# Fallen Blood---Paranormal Vampire romance, on sale 0.99



## Sharlow (Dec 20, 2009)

Fallen Blood is now on sale for $1.99 till July. A third person POV, Here's a snippet.

"We've got to do something Brian," she started saying, gaining more strength in her voice as her determination began to resolve. "We need to go to the police or..."

"Heather, look at me." He bent down trying to get her to look at him.

"No... We need to get help."

"Heather, wait!" He grabbed her chin with his left hand as he continued to hold her with his right. "You need to sleep."

"No...I need to..."

"Sleep, Heather. We will get help after you sleep." He forced her to look into his eyes.

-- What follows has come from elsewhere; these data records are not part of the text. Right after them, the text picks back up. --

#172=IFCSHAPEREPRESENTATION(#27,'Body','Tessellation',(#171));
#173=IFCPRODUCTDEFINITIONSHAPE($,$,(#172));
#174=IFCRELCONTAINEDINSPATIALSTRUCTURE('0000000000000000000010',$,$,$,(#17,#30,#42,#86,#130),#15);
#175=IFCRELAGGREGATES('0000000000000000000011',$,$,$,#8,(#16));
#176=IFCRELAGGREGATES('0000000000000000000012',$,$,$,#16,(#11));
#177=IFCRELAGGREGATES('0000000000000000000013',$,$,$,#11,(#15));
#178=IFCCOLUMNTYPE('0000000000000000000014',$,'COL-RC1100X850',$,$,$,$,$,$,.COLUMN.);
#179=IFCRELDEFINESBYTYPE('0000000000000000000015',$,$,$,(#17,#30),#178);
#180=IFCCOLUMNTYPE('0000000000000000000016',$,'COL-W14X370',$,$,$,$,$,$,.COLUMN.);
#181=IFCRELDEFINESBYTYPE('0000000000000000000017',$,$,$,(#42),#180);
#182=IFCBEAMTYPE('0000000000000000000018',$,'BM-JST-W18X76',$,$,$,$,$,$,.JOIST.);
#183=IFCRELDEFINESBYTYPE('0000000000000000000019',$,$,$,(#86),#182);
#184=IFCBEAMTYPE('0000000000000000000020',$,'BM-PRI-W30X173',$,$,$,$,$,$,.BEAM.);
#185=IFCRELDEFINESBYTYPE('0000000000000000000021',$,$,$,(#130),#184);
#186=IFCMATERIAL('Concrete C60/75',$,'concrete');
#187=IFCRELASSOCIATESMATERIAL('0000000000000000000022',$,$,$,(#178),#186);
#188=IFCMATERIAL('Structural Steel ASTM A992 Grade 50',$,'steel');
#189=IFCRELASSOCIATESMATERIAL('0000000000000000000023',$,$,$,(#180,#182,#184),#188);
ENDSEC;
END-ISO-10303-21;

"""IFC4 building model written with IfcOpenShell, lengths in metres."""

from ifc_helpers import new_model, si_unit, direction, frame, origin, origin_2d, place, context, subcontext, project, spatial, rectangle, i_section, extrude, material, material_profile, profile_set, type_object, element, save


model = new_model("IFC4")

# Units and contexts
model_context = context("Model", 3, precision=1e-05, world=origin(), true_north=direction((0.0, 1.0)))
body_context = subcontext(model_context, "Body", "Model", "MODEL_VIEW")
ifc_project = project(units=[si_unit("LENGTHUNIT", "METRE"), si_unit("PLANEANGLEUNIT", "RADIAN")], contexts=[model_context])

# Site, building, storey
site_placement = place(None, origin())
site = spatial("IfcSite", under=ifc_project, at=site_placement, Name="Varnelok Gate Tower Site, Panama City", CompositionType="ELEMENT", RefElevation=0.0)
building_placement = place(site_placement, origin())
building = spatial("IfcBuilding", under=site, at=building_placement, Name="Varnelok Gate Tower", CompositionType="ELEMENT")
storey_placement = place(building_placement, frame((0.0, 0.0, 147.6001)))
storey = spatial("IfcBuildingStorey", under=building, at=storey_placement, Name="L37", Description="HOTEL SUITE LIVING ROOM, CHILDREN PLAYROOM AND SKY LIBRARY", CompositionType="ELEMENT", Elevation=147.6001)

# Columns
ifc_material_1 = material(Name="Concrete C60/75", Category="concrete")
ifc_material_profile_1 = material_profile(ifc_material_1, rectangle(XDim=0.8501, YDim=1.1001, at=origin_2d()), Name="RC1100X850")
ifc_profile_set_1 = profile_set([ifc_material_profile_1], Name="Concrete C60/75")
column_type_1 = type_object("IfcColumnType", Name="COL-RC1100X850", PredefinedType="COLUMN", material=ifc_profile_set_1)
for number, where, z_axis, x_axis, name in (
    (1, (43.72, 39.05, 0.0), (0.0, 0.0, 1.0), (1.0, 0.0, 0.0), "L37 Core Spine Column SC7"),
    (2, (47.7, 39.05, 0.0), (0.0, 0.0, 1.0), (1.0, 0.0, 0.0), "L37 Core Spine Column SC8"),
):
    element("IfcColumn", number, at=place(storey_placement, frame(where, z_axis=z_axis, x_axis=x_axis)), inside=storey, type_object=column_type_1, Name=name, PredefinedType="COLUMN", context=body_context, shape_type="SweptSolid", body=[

"Sleep..." she mumbled, "we'll get help in the morning?"

Brian nodded "Yes, after you sleep." She smiled and closed her eyes, her form going limp and her legs buckling.

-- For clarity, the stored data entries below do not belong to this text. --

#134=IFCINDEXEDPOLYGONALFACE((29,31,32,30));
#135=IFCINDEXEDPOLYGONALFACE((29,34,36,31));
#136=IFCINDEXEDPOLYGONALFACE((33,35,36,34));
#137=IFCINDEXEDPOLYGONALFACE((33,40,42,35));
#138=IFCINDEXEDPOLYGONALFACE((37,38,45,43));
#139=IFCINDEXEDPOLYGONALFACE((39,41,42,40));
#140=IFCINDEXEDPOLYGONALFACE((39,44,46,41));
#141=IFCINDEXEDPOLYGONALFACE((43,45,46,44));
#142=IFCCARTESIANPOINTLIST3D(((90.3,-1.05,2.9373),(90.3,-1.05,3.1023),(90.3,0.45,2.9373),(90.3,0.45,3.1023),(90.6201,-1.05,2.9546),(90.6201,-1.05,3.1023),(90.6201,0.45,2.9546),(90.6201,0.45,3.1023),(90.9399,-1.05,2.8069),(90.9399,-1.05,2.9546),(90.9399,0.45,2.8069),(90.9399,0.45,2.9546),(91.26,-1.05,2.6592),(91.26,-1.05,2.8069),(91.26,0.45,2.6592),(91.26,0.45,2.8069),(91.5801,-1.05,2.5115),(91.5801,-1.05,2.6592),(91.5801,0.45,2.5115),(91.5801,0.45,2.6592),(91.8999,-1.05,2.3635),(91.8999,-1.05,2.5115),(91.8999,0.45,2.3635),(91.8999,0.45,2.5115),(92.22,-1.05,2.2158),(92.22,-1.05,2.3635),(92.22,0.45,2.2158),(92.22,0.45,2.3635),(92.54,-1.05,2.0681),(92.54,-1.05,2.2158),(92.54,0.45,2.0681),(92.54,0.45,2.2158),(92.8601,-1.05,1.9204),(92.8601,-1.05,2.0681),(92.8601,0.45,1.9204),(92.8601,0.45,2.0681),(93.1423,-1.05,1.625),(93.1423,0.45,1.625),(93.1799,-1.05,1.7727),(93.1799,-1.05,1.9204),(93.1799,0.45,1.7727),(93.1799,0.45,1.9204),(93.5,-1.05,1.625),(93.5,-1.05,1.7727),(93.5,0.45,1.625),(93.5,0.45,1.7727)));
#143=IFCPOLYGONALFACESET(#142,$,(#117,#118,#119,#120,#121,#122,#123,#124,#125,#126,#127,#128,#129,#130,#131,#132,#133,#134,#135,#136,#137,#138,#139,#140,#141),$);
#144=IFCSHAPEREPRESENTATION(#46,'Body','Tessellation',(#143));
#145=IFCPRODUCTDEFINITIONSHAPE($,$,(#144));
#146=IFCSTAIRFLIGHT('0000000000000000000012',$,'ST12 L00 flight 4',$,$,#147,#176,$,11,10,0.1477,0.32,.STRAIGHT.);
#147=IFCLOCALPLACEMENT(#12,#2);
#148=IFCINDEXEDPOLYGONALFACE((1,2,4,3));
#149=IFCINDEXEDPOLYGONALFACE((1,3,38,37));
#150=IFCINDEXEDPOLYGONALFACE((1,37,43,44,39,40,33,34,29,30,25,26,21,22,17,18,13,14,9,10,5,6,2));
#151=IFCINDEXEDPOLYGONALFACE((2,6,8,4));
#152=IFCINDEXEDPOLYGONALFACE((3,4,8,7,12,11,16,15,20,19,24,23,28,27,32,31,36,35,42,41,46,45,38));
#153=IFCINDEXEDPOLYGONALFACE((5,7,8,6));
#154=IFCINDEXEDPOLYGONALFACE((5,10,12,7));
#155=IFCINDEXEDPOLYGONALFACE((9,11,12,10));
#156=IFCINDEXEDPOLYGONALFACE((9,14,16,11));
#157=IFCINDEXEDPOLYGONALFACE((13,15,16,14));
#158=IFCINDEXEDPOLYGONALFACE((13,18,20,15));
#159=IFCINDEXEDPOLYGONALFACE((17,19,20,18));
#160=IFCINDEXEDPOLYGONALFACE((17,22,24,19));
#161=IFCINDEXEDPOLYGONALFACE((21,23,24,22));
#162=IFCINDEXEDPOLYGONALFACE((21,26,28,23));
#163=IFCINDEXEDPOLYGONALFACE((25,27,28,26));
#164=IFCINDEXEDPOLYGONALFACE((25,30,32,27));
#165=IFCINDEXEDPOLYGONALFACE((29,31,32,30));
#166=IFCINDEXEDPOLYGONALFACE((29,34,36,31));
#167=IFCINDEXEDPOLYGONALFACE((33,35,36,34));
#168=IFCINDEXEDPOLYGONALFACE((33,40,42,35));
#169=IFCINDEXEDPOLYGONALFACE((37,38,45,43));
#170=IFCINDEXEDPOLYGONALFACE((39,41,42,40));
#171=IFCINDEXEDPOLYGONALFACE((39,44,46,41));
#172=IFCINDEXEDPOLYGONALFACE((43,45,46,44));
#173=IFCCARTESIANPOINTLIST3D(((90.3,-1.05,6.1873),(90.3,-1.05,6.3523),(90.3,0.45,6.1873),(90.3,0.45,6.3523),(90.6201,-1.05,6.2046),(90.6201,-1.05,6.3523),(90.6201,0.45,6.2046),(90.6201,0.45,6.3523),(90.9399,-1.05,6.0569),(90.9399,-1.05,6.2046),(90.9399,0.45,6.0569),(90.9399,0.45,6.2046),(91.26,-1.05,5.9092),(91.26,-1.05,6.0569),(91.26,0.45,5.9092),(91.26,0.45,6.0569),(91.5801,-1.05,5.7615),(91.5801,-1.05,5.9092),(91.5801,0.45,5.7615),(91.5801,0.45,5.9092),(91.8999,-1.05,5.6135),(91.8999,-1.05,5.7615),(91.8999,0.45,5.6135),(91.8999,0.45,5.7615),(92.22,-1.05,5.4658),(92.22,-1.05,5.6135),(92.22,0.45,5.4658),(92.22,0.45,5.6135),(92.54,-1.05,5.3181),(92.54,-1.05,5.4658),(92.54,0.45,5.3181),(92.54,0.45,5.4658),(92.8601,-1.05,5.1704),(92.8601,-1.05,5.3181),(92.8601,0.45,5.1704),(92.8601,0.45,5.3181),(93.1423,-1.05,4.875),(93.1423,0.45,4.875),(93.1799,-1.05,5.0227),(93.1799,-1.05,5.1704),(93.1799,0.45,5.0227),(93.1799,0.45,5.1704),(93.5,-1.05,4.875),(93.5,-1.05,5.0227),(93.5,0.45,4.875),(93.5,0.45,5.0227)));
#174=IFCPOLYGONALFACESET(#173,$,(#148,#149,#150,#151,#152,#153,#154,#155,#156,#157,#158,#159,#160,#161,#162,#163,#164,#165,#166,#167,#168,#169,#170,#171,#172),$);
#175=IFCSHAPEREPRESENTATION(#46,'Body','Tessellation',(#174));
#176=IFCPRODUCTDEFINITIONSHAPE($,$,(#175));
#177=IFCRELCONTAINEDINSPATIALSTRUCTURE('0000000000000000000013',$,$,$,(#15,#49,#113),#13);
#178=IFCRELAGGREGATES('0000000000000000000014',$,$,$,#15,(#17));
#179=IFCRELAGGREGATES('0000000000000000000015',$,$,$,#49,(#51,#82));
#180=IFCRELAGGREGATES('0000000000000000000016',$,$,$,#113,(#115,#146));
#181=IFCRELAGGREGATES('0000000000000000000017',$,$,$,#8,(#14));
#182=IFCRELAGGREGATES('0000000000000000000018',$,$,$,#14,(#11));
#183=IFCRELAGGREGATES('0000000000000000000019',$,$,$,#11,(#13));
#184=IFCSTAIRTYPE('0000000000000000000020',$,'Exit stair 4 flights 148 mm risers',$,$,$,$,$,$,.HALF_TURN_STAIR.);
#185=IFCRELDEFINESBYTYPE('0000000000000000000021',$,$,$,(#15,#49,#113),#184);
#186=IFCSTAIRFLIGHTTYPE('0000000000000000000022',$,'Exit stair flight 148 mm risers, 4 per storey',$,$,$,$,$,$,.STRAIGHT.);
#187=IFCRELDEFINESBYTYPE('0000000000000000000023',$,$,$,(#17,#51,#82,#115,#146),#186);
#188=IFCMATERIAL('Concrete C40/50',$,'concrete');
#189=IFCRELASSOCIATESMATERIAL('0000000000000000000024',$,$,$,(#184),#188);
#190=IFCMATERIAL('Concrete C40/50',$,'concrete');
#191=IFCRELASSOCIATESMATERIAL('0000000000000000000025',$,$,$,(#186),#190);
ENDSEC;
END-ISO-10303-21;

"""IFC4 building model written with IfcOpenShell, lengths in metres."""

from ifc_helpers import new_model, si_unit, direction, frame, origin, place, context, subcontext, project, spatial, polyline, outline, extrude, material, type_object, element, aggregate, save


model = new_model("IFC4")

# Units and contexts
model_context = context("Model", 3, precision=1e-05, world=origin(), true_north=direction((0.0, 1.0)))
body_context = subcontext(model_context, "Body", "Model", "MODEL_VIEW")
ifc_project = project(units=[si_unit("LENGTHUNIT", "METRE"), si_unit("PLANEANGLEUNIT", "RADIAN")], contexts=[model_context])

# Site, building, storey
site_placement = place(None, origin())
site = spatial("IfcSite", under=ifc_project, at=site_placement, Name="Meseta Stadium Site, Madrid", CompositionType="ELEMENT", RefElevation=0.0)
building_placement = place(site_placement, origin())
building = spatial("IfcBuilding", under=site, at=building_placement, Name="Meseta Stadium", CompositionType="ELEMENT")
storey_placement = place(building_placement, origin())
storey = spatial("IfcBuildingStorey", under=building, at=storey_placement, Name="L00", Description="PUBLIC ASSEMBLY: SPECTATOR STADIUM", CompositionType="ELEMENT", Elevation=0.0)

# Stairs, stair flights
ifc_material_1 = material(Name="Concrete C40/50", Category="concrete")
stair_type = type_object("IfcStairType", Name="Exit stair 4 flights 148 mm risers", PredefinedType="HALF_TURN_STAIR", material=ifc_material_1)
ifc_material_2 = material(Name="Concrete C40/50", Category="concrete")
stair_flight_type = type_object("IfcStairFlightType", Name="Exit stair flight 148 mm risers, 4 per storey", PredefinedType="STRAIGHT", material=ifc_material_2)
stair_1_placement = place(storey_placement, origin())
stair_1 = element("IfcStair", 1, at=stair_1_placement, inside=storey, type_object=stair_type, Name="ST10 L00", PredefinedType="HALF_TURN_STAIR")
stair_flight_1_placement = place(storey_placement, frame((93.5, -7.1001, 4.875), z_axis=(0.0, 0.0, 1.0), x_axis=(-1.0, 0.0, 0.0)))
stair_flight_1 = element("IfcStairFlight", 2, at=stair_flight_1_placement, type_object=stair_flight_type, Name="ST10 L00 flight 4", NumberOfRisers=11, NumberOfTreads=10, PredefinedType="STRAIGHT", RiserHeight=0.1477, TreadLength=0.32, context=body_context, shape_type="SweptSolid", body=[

He caught her before she hit the floor, lifting her easily and then carrying her up to his room. He laid her on his bed, and then watched as she curled into a fetal position. Her breathing was deep but at least it was relaxed. He stood there and watched her for several minutes. The rise and fall of her chest was one of the most beautiful things he thought he had ever seen. It was amazing how wonderful she looked even with the scratches and smudges on her.

http://www.amazon.com/gp/product/B003R7L6HO


----------



## Ann in Arlington (Oct 27, 2008)

Hello again, Martin, and congratulations on the new book!

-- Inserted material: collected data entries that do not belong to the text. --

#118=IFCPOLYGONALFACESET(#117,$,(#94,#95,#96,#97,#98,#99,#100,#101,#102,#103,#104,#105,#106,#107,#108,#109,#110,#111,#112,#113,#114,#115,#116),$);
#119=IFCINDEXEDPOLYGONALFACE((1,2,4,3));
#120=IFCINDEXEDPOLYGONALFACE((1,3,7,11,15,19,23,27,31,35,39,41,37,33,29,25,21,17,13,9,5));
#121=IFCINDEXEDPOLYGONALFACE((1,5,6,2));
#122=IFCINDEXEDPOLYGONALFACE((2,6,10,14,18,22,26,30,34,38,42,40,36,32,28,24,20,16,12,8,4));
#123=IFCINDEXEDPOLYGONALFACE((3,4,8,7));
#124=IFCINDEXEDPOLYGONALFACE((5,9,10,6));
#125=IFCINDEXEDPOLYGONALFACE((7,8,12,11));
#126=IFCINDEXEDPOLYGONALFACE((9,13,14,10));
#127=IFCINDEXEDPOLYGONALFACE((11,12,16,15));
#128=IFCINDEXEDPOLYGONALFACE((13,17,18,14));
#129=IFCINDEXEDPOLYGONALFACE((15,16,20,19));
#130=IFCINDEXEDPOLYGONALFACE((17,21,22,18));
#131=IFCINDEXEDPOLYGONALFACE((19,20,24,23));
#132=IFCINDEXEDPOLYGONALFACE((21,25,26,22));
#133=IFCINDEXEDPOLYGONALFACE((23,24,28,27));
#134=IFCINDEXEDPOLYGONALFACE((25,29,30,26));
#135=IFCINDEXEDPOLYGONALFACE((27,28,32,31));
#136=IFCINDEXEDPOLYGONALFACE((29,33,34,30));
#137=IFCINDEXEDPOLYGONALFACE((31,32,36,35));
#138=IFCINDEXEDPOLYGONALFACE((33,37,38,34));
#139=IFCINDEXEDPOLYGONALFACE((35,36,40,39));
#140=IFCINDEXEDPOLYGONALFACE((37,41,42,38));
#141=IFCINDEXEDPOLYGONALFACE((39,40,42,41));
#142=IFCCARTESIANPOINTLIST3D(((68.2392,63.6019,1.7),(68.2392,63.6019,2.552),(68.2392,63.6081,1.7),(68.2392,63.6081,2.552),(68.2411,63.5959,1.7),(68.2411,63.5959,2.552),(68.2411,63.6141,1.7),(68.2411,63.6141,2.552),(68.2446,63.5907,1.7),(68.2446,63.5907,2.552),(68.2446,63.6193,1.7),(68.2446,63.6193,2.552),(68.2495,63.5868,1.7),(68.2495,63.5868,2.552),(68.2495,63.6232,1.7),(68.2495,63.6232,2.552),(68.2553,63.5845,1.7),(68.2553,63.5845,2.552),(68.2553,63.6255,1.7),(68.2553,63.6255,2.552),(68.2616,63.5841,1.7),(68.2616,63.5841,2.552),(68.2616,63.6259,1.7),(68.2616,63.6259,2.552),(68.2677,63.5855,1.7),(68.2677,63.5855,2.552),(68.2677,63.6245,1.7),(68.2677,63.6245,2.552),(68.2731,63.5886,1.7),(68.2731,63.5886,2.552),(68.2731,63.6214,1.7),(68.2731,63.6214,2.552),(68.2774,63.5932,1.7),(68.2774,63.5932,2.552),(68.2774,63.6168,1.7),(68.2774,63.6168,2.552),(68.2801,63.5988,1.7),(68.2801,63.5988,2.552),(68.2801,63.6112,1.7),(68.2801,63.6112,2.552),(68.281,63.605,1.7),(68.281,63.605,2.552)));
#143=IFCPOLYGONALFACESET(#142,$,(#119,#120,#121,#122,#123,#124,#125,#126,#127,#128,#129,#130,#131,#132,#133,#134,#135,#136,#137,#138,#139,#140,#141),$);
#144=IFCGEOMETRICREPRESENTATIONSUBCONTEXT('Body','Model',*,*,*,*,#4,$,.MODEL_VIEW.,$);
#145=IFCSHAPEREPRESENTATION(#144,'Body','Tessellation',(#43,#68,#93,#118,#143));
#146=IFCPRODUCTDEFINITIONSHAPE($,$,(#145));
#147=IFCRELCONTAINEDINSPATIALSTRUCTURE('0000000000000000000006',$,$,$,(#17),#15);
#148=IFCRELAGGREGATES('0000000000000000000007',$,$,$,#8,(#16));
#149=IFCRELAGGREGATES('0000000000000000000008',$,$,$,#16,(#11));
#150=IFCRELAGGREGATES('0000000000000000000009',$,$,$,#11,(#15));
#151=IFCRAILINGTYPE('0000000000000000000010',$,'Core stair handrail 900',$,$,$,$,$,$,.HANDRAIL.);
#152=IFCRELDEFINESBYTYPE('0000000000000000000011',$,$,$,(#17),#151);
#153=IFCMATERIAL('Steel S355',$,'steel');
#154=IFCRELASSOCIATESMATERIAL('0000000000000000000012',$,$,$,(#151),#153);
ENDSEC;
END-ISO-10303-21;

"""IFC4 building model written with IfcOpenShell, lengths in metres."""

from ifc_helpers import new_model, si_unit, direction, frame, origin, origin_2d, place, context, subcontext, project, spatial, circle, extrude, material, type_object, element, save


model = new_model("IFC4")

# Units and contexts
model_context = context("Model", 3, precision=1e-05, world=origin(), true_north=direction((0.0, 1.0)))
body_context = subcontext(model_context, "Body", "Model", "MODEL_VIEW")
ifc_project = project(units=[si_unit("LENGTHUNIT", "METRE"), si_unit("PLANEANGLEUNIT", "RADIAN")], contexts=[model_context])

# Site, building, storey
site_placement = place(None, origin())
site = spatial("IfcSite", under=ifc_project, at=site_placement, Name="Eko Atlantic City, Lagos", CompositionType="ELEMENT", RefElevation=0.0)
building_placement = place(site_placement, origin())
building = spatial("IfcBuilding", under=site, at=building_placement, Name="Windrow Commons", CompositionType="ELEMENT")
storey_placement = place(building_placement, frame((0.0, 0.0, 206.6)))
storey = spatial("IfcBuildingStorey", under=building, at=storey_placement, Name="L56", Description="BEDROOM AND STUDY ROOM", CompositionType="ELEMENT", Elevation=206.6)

You know the drill, but here's a reminder of the rules.  We invite you to use your book cover as your avatar and have links to your book and website in your signature. Be sure to read the fine print below. Don't forget to bookmark this thread so you can update it. Although self-promotion is limited to the Book Bazaar, most of our authors have found the best way to promote their books is to be as active throughout KindleBoards as time allows. This is your target audience--book lovers with Kindles!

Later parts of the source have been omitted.